1. Check if your computer matches the GPU version.
Device Manager view.
Check the official website for a match. Address:/cuda-gpus **
2. Go to NVIDIA and check the version of your computer** to see.
If you can, you can uninstall the original version and install the new one. Installation address/cuda-toolkit-archive
Next, enter the NVIDIA installation process, in this installation process, I began to directly select the streamlined installation, but due to VS reasons, resulting in the normal installation, so I switched to a customized installation method, and the VS checkmark to remove, it can be installed normally, as for the installation of the CUDA directory, we can default to install in the C disk.
After the installation is complete, it is time to configure the environment variables. The environment variables are configured as shown below.

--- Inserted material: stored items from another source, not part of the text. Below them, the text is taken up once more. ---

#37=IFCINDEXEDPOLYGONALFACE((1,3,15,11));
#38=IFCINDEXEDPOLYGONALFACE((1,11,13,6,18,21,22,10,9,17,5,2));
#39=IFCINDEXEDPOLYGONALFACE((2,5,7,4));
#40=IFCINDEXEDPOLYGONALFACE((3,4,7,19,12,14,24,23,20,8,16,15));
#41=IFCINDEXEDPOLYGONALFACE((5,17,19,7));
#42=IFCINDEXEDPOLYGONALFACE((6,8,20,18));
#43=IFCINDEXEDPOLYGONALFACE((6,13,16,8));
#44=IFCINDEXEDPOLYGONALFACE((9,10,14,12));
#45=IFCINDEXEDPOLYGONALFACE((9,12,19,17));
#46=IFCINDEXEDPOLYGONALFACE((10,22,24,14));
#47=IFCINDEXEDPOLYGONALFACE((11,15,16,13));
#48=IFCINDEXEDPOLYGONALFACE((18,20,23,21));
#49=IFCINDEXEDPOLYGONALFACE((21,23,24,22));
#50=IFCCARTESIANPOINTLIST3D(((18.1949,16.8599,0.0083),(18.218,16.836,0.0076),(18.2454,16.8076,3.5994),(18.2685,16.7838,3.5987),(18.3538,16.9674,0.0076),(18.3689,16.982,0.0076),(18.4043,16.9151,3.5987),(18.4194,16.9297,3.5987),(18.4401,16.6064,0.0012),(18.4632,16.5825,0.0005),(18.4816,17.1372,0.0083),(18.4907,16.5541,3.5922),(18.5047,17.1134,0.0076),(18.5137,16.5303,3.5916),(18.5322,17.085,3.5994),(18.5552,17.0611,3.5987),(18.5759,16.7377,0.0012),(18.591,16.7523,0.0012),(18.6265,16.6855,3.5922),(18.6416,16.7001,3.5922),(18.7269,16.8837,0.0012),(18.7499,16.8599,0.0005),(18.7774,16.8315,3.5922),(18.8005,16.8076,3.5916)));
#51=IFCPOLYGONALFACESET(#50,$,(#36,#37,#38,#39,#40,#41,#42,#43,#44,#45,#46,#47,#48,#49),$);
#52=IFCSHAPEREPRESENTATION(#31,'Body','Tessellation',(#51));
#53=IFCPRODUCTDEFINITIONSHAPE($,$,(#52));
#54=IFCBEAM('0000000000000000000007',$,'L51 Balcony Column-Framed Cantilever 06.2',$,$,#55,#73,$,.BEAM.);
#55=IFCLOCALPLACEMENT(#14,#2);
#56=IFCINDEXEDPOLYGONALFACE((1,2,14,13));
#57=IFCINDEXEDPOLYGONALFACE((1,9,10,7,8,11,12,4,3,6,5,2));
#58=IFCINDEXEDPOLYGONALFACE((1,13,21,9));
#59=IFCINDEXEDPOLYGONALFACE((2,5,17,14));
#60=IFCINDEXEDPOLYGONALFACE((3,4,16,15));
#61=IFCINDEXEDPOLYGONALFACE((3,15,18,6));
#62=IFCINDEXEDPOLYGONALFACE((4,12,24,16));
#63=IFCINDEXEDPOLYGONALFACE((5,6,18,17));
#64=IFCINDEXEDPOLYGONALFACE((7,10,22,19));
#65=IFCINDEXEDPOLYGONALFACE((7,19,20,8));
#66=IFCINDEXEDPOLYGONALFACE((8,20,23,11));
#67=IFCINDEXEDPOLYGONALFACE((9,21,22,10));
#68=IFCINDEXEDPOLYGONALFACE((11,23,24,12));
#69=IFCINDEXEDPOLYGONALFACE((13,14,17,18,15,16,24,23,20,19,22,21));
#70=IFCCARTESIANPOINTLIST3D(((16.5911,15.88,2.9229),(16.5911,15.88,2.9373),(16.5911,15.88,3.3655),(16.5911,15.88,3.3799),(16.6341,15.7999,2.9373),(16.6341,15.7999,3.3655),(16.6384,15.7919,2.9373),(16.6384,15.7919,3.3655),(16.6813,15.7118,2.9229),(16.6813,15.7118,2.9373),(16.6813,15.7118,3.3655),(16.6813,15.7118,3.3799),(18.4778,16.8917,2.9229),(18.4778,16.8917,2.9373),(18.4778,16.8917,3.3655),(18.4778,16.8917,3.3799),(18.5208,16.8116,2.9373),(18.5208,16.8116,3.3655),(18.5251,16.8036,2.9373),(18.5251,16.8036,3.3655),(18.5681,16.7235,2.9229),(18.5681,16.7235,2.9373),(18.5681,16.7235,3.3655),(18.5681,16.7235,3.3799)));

Verify that the installation was successful.
mounting
strike (on the keyboard)/rdp/cudnn-download You can choose to download download cudnn, but here you need to register an account, and then the questionnaire before you can download the page, anyway, step by step operation can be.
Remember to match here, or the installation will fail at a later stage. After downloading, unzip it, copy the bin, include, and lib files inside the CUDNN package directly to the CUDA installation directory, and then directly overwrite the installation.
This is the end of the cuda, cudnn installation success!
**4. Installation of anacond
Keep clicking next.
The first unchecked will work. The exact process can be seen/article/
5. Install pytorch
If you install tensorflow, the previous steps are exactly the same. Only the installation password is different. Here we only describe the installation process of pytorch in detail.
Open the Anaconda Prompt under anaconda and paste the command to install, this process depends on the speed of the Internet, generally very fast. But generally I like to activate an environment that is used first:conda create --name pytorch python=3.6
Take a virtual environment. Next activate pytorch and install it inside the environment, so that even if you install tensorflow, you can just install another environment. Convenient.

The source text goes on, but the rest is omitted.